Photo Nadine Fraczkowski

Angst, Anne Imhof

Par Guillaume Rouleau

Publié le 13 juillet 2016

Du 9 au 19 juin se tenait une série de performances à la Kunsthalle de Bâle, musée géré depuis sa construction par le Basler Kunstverein, à l’excellente réputation dans son soutien à un art « très » contemporain. Reconnue pour ses pièces School of the Seven Bells (2012-2015), Aqua Leo (2013) ou encore Rage (2014-2015), Anne Imhof profitait de l’exaltation autour de Art Basel 16 pour y déployer le premier acte sur trois de Angst, qui lui permis d’obtenir le prix 2015 de la Nationalgalerie, le deuxième étant joué à Berlin en septembre et le troisième à Montréal en octobre. Conçue comme une exposition-opéra (opéra au sens théâtro-musical mais aussi étymologique d’œuvre, de chose en cours de réalisation ou réalisée), Angst se servait de certaines fonctions du musée, collecter – exposer – conserver, pour dérouter : par la durée de cette série de performances, par ce à quoi l’on assistait lors decelles-ci, par l’exposition qui succède aux performances en leur servant de cadre. Angst, dont la traduction en français de l’allemand, « peur », retient l’indéterminé de cette peur, s’inscrivait dans un contexte singulier sur lequel il s’agit de revenir.

L’édition 2016 de Art Basel était l’un des rendez-vous majeurs d’un calendrier chargé pour les galeries d’art moderne et contemporain du monde entier. Réunies autour de Messeplatz, 286 d’entre-elles échangeaient dans deux gigantesques halles d’expositions.

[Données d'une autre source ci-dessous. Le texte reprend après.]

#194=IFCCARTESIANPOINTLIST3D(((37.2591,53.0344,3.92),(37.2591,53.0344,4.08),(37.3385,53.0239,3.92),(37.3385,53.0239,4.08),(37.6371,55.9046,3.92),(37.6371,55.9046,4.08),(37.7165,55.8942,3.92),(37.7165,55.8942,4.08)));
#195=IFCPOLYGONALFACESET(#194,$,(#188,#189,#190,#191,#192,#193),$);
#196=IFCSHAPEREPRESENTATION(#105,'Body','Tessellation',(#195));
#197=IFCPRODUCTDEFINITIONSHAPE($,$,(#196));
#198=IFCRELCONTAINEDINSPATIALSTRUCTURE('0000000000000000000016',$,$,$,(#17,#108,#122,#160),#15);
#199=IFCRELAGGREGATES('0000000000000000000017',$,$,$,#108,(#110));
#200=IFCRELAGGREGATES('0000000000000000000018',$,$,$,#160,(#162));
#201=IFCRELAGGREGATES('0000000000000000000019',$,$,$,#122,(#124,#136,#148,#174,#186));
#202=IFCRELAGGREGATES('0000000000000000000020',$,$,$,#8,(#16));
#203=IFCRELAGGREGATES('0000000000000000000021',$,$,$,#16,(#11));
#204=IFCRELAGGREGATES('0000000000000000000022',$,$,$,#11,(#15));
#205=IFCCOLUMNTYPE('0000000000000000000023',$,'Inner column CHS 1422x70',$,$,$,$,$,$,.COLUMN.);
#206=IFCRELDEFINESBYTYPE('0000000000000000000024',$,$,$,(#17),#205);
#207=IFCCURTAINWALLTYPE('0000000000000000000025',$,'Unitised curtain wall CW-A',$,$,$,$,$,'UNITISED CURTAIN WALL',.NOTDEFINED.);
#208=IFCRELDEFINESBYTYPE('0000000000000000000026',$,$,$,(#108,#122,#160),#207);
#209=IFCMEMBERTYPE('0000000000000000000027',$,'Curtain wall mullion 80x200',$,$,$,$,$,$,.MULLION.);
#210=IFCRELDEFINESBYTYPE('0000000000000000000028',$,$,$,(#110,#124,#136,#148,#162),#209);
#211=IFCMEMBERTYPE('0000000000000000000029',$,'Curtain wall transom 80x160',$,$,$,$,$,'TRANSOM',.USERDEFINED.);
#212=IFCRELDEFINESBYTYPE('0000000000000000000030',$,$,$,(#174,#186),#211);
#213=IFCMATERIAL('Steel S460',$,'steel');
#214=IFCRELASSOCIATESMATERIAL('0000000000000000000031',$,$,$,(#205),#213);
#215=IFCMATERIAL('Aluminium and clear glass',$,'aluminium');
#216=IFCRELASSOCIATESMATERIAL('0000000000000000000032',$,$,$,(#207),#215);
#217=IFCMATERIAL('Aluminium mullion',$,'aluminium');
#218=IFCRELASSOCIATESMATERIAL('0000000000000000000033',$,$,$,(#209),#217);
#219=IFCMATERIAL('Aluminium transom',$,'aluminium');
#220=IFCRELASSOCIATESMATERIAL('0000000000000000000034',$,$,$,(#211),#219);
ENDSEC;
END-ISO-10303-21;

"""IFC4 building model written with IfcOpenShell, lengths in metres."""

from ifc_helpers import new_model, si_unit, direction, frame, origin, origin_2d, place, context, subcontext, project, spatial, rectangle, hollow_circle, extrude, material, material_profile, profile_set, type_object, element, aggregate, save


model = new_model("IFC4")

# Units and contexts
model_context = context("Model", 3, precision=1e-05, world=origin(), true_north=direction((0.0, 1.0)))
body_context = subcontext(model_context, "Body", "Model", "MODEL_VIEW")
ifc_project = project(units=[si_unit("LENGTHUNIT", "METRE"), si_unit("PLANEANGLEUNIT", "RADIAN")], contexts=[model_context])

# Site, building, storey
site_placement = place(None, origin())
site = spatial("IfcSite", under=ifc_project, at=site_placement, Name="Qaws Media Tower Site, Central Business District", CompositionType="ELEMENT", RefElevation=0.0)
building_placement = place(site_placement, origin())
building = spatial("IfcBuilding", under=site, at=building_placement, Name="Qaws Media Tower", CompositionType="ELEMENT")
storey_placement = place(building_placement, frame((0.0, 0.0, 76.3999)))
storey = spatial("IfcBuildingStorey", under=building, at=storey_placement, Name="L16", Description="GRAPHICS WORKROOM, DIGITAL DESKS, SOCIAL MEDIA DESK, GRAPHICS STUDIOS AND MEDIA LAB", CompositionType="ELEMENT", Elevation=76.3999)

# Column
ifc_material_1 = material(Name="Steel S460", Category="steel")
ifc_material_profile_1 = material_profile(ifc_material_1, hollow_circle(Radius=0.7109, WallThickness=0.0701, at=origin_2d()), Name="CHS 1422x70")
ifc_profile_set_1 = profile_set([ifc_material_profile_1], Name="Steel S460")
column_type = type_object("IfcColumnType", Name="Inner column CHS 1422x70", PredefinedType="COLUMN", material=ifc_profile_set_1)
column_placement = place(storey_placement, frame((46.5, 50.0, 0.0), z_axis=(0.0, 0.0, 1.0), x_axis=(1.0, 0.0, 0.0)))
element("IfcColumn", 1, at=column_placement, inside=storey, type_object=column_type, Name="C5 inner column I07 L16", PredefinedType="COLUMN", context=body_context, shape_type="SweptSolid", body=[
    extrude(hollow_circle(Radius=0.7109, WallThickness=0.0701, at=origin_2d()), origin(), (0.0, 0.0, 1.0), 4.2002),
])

Au même moment, se déroulait dans l’ancienne brasserie en briques Warteck la foire Liste, avec 79 galeries représentant des artistes ou des mediums moins privilégiés par Art Basel. Dans ces deux foires, entourées par Art Basel, Design Miami/Basel ou encore Volta 12, l’art vivant avait cependant peine à vivre. Pour Liste, huit performances curatées par Eva Birkenstock étaient données en ville. Pour Art Basel, une infime minorité de galeries en programmaient sur leur stand (avec un effort louable chez Luxembourg & Dayan où l’on pouvait voir Da inventare sul posto de Jannis Kounellis) tandis qu’un « Parcours night » dans le centre-ville était organisé le 18 juin, avec des interventions de Mathilde Rosier, Eva Kot’átková, Tracey Rose et un extrait de Angst : « Return of the lover » (partie 10).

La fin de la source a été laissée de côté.